I need to numerically evaluate/approximate non-central high-order moments of high-dimensional Gaussian measures/distributions with given mathematical expectations and covariance matrices. The Gaussian measures have dimension $d$ with say $d>1000$ and the moments have order $k$ with say $k>>10000$.
More precisely, I "only" need to evaluate the ratios of successive moments
$\frac{{\mathbb{E}X_1^{{k_1}}...X_i^{{k_i} + 1}...X_d^{{k_d}}}}{{\mathbb{E}X_1^{{k_1}}...X_i^{{k_i}}...X_d^{{k_d}}}}\quad k = \sum\limits_{i = 1}^d {{k_i}} $
The classical Wick-Isserlis theorem/formula and similar symbolic formulae look helpless because they involve an astronomically large number of terms $k!!$.
As suggested, I tried a Laplace's approximation/expansion but that does not work well: unless I'm mistaken, in standard form, it gives a wrong approximation that does not depend on ${{k_i}}$ and in fully exponential form, we fall on a multivariate system of quadratic equations of dimension $d$ for the maximum of the function...
I'm unable to find a single reference on this problem, that's quite unexpected.
Of course, Monte-Carlo methods is always an option but it is the last one: fast and deterministic algorithms are highly preferred.

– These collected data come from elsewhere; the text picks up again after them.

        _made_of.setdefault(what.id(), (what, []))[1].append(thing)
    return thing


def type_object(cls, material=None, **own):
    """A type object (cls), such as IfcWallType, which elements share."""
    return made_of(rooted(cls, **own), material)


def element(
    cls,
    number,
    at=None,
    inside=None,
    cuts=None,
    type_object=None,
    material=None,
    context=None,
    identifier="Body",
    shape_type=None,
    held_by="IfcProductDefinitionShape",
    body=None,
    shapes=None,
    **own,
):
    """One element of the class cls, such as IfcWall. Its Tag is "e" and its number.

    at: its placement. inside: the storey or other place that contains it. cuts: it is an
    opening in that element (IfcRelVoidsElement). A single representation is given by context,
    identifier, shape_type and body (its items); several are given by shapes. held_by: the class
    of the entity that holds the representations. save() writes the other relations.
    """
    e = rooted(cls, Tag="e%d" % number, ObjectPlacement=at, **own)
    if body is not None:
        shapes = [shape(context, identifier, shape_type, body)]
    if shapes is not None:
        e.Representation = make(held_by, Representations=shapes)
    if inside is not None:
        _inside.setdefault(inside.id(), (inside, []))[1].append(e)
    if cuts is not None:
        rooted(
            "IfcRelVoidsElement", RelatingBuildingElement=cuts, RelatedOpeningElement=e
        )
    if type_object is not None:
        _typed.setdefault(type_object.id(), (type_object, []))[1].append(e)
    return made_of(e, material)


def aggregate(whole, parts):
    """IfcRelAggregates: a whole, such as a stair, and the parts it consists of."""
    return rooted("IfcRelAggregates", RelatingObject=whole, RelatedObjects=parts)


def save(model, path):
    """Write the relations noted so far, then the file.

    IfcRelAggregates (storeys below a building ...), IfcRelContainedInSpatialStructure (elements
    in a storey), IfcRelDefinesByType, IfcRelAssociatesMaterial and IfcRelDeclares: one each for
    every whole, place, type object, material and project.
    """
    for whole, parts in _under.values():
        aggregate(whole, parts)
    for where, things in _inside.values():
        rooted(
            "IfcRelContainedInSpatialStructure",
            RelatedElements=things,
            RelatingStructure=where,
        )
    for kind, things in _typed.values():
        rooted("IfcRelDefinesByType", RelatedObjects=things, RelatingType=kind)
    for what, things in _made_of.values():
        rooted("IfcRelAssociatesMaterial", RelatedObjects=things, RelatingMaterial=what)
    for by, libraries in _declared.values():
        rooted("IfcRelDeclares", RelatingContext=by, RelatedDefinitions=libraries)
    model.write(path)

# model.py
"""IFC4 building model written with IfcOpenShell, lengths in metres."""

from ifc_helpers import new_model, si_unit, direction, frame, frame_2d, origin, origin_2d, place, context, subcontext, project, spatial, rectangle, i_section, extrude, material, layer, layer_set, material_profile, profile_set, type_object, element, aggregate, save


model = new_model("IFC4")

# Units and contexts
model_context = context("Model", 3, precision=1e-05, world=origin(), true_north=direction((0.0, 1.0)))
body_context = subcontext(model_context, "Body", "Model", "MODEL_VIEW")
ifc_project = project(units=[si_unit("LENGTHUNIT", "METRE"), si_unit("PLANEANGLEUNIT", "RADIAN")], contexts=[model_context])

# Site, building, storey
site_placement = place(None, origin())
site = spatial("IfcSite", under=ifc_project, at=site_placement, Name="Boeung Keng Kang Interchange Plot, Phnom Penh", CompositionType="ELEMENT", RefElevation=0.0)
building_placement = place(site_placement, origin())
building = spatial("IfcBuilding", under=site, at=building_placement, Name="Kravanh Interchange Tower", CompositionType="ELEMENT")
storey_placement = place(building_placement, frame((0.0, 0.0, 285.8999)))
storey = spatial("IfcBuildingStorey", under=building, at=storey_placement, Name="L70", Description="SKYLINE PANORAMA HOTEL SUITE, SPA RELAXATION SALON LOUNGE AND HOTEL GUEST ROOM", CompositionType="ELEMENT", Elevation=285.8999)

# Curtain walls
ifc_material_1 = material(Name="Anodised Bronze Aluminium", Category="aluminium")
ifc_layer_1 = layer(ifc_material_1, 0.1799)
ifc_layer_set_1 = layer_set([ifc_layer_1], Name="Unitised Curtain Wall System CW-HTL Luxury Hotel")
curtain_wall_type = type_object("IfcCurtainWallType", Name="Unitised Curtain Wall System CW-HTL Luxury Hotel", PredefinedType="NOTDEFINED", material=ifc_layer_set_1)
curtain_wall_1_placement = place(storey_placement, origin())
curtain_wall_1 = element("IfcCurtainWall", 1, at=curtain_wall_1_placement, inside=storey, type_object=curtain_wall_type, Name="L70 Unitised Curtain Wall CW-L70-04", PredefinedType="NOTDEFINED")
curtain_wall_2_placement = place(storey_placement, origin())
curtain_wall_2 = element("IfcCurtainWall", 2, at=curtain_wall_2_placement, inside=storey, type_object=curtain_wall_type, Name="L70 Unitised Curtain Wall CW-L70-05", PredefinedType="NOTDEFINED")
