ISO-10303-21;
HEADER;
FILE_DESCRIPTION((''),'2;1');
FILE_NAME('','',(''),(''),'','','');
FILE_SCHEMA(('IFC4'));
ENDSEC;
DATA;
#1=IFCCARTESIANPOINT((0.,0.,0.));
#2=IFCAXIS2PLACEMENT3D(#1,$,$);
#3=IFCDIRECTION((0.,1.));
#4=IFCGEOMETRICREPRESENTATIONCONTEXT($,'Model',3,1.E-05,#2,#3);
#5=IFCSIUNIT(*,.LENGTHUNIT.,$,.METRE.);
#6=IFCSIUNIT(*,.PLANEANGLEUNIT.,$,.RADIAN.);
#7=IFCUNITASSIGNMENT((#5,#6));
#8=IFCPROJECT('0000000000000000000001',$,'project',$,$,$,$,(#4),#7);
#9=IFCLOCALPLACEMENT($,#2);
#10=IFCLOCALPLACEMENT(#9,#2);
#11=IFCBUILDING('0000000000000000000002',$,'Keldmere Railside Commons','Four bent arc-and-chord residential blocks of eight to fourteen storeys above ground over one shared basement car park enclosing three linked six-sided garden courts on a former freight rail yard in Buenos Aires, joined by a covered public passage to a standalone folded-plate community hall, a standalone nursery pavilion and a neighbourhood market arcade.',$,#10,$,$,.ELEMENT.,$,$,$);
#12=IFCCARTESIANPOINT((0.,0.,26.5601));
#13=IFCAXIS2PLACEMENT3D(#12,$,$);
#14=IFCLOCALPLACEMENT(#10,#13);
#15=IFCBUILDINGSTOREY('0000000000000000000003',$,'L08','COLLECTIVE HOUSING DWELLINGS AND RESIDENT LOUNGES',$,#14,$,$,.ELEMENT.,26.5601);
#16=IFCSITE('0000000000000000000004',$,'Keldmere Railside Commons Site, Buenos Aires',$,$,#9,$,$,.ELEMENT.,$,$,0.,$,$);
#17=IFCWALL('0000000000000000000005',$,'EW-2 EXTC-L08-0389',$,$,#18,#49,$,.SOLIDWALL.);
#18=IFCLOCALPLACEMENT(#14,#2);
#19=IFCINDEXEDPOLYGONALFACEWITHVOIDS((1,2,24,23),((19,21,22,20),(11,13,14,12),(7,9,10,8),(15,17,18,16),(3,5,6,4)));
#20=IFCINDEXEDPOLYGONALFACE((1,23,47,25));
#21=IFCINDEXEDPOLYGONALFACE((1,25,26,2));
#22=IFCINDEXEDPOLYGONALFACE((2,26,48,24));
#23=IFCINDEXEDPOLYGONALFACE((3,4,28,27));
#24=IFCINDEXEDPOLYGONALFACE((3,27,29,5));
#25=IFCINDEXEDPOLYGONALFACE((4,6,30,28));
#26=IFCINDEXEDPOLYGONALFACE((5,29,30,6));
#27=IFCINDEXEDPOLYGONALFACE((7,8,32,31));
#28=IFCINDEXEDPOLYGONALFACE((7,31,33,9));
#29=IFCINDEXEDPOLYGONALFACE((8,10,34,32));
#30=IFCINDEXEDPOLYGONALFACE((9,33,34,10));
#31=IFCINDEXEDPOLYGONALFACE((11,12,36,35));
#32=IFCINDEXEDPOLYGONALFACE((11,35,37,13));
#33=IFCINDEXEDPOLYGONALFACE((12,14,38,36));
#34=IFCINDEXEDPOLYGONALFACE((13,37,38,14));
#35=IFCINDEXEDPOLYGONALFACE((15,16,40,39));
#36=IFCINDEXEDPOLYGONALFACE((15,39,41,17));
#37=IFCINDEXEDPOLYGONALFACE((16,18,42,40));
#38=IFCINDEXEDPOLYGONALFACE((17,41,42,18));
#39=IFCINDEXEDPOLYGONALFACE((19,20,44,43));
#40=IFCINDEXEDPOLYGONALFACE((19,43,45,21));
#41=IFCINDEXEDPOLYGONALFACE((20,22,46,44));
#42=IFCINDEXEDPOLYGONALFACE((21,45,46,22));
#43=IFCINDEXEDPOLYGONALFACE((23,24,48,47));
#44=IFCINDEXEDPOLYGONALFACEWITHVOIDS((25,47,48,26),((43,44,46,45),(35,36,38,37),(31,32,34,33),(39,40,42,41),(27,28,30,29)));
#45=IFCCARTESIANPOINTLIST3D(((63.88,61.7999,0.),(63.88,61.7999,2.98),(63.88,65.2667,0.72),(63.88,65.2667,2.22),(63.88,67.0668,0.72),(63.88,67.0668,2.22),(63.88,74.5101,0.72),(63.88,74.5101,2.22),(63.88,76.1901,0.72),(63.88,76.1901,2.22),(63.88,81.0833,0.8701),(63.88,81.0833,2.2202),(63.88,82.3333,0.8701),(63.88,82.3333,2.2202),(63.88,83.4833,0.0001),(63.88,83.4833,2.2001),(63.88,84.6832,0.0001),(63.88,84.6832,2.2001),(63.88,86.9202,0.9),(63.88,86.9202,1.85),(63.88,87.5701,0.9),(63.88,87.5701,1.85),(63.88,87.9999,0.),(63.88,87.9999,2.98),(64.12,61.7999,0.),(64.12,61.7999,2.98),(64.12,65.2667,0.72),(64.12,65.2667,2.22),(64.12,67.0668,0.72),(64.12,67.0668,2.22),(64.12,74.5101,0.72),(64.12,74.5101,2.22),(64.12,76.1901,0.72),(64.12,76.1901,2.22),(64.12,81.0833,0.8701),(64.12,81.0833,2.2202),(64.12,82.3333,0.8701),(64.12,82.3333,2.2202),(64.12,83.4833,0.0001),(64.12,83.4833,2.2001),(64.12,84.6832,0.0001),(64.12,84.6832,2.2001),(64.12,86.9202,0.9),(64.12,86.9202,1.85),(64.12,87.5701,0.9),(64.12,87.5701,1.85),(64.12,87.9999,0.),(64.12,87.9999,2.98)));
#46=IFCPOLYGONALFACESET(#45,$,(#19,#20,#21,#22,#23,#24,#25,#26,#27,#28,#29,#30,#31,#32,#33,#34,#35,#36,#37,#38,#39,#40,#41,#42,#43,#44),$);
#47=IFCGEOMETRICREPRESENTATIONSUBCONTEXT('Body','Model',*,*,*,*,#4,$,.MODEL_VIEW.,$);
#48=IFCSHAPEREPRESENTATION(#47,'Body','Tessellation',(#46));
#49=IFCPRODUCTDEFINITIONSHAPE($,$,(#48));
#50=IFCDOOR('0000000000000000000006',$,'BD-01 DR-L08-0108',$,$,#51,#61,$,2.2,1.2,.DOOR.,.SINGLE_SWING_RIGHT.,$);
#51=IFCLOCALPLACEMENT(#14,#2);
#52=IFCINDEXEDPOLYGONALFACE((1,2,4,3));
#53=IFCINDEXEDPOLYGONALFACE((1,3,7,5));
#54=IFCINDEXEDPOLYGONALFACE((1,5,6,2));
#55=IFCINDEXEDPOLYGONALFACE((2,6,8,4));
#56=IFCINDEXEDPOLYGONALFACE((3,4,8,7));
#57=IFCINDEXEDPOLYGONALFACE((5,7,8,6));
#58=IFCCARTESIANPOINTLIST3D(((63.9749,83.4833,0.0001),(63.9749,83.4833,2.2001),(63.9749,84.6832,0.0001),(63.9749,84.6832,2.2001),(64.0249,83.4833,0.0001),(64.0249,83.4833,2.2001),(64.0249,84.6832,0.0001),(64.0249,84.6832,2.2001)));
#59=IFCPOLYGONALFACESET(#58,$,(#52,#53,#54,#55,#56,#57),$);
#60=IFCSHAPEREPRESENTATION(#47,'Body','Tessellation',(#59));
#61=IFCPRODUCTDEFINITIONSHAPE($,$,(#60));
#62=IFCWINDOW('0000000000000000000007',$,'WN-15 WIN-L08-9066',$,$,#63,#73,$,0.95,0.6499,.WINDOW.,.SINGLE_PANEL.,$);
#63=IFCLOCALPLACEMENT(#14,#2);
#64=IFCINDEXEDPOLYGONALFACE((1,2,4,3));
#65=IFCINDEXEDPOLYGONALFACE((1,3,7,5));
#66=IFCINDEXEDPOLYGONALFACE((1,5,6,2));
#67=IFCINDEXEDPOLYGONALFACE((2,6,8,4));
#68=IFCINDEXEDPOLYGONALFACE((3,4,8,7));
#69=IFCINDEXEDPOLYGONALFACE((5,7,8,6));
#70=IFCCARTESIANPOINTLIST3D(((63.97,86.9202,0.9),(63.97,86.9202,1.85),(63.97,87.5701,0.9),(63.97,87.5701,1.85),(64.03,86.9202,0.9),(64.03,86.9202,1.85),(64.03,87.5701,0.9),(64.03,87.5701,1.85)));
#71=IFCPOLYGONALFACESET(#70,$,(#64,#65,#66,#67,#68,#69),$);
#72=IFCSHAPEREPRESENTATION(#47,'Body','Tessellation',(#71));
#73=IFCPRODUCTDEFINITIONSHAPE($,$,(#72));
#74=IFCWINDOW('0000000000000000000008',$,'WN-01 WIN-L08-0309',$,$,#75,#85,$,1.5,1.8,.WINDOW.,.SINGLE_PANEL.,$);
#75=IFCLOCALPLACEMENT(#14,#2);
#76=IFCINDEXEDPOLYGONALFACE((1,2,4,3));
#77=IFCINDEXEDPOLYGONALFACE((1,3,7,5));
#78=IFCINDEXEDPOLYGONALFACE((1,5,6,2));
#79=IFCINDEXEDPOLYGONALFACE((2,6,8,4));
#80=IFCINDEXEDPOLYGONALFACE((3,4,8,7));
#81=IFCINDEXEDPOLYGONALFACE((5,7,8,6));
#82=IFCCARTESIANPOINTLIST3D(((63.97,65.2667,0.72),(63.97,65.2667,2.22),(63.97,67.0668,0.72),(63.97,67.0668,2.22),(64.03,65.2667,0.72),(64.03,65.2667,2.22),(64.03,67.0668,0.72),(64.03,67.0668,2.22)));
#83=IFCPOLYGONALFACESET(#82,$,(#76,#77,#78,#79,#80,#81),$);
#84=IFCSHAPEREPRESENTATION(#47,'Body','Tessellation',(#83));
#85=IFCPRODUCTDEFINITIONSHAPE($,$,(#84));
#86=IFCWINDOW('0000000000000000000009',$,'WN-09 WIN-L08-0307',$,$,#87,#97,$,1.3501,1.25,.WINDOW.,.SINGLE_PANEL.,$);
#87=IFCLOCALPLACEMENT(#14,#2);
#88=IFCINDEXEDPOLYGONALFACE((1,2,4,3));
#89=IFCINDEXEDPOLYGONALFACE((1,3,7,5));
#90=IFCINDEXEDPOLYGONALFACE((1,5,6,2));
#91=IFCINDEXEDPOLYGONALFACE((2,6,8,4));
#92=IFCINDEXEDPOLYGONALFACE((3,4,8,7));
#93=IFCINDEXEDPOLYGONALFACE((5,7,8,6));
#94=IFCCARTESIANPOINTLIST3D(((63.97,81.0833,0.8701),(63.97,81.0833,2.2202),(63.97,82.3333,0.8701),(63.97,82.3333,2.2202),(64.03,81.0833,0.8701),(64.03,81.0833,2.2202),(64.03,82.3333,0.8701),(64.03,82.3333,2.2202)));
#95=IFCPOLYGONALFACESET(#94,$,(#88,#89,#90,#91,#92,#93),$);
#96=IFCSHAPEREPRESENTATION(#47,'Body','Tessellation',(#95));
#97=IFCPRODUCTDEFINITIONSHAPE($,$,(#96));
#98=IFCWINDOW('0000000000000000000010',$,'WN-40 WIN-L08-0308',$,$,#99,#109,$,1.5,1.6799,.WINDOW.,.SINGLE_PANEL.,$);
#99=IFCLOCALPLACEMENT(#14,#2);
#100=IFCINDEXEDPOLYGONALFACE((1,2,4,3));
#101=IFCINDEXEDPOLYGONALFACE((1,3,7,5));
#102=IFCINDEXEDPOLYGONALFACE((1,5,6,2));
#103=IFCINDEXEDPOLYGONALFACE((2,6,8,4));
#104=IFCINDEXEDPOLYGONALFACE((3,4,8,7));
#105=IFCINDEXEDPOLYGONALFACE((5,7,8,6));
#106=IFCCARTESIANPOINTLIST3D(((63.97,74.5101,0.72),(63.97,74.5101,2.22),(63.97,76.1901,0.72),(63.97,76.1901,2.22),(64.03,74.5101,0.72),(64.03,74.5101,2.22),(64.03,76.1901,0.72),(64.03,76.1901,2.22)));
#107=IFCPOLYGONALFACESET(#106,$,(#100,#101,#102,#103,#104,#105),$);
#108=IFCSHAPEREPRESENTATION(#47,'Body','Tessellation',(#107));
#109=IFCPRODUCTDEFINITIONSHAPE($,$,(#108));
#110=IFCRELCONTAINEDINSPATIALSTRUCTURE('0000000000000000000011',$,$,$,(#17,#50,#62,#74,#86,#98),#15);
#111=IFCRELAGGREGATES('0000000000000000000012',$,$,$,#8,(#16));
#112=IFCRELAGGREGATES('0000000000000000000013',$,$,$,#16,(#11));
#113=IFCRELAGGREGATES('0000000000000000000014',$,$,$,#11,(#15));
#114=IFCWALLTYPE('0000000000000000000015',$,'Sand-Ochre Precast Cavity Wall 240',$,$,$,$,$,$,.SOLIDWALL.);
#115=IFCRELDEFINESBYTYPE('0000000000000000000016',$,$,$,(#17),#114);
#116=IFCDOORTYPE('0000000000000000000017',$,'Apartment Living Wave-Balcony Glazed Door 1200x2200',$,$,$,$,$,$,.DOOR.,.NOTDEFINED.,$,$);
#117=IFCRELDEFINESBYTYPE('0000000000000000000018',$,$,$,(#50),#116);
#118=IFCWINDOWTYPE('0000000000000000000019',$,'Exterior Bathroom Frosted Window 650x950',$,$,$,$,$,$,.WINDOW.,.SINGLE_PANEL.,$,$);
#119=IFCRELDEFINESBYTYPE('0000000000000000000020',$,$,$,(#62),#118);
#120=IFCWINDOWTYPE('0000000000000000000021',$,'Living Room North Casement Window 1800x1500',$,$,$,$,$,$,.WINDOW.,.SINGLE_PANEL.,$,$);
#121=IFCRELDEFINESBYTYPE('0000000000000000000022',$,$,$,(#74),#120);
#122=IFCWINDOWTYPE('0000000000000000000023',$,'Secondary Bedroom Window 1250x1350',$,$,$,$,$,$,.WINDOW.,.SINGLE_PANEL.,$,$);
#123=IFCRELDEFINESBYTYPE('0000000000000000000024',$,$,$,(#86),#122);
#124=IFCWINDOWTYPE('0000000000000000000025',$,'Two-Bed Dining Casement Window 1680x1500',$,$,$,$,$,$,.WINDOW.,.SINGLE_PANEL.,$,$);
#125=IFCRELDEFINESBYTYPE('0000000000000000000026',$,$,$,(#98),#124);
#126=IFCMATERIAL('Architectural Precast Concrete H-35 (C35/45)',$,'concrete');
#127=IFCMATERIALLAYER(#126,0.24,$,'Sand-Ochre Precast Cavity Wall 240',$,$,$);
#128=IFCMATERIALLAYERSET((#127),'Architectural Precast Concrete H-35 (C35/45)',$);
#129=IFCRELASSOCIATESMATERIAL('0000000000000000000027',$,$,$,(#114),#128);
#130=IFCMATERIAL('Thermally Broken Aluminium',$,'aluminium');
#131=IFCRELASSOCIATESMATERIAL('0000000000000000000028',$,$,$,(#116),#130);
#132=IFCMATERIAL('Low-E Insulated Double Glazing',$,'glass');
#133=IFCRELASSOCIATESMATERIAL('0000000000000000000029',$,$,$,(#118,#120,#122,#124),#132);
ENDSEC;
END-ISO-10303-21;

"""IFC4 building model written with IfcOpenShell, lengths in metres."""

from ifc_helpers import new_model, si_unit, direction, frame, frame_2d, origin, place, context, subcontext, project, spatial, rectangle, extrude, material, layer, layer_set, type_object, element, fill, save


model = new_model("IFC4")

# Units and contexts
model_context = context("Model", 3, precision=1e-05, world=origin(), true_north=direction((0.0, 1.0)))
body_context = subcontext(model_context, "Body", "Model", "MODEL_VIEW")
ifc_project = project(units=[si_unit("LENGTHUNIT", "METRE"), si_unit("PLANEANGLEUNIT", "RADIAN")], contexts=[model_context])

# Site, building, storey
site_placement = place(None, origin())
site = spatial("IfcSite", under=ifc_project, at=site_placement, Name="Keldmere Railside Commons Site, Buenos Aires", CompositionType="ELEMENT", RefElevation=0.0)
building_placement = place(site_placement, origin())
building = spatial("IfcBuilding", under=site, at=building_placement, Name="Keldmere Railside Commons", Description="Four bent arc-and-chord residential blocks of eight to fourteen storeys above ground over one shared basement car park enclosing three linked six-sided garden courts on a former freight rail yard in Buenos Aires, joined by a covered public passage to a standalone folded-plate community hall, a standalone nursery pavilion and a neighbourhood market arcade.", CompositionType="ELEMENT")
storey_placement = place(building_placement, frame((0.0, 0.0, 26.5601)))
storey = spatial("IfcBuildingStorey", under=building, at=storey_placement, Name="L08", Description="COLLECTIVE HOUSING DWELLINGS AND RESIDENT LOUNGES", CompositionType="ELEMENT", Elevation=26.5601)

# Shared definitions
ifc_material_1 = material(Name="Thermally Broken Aluminium", Category="aluminium")
ifc_material_2 = material(Name="Low-E Insulated Double Glazing", Category="glass")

So, please, what are my best options in order to numerically evaluate those moments in general? Computational complexity theoretic results welcome too.
Thanks.
PS.: I finally found a nice, ad hoc, deterministic method allowing to evaluate the ratios of successive moments instantaneously. Unfortunately I can't disclose it right now. I really don't understand why I can't find a single paper and why I don't get any answer about such a basic and fundamental problem??????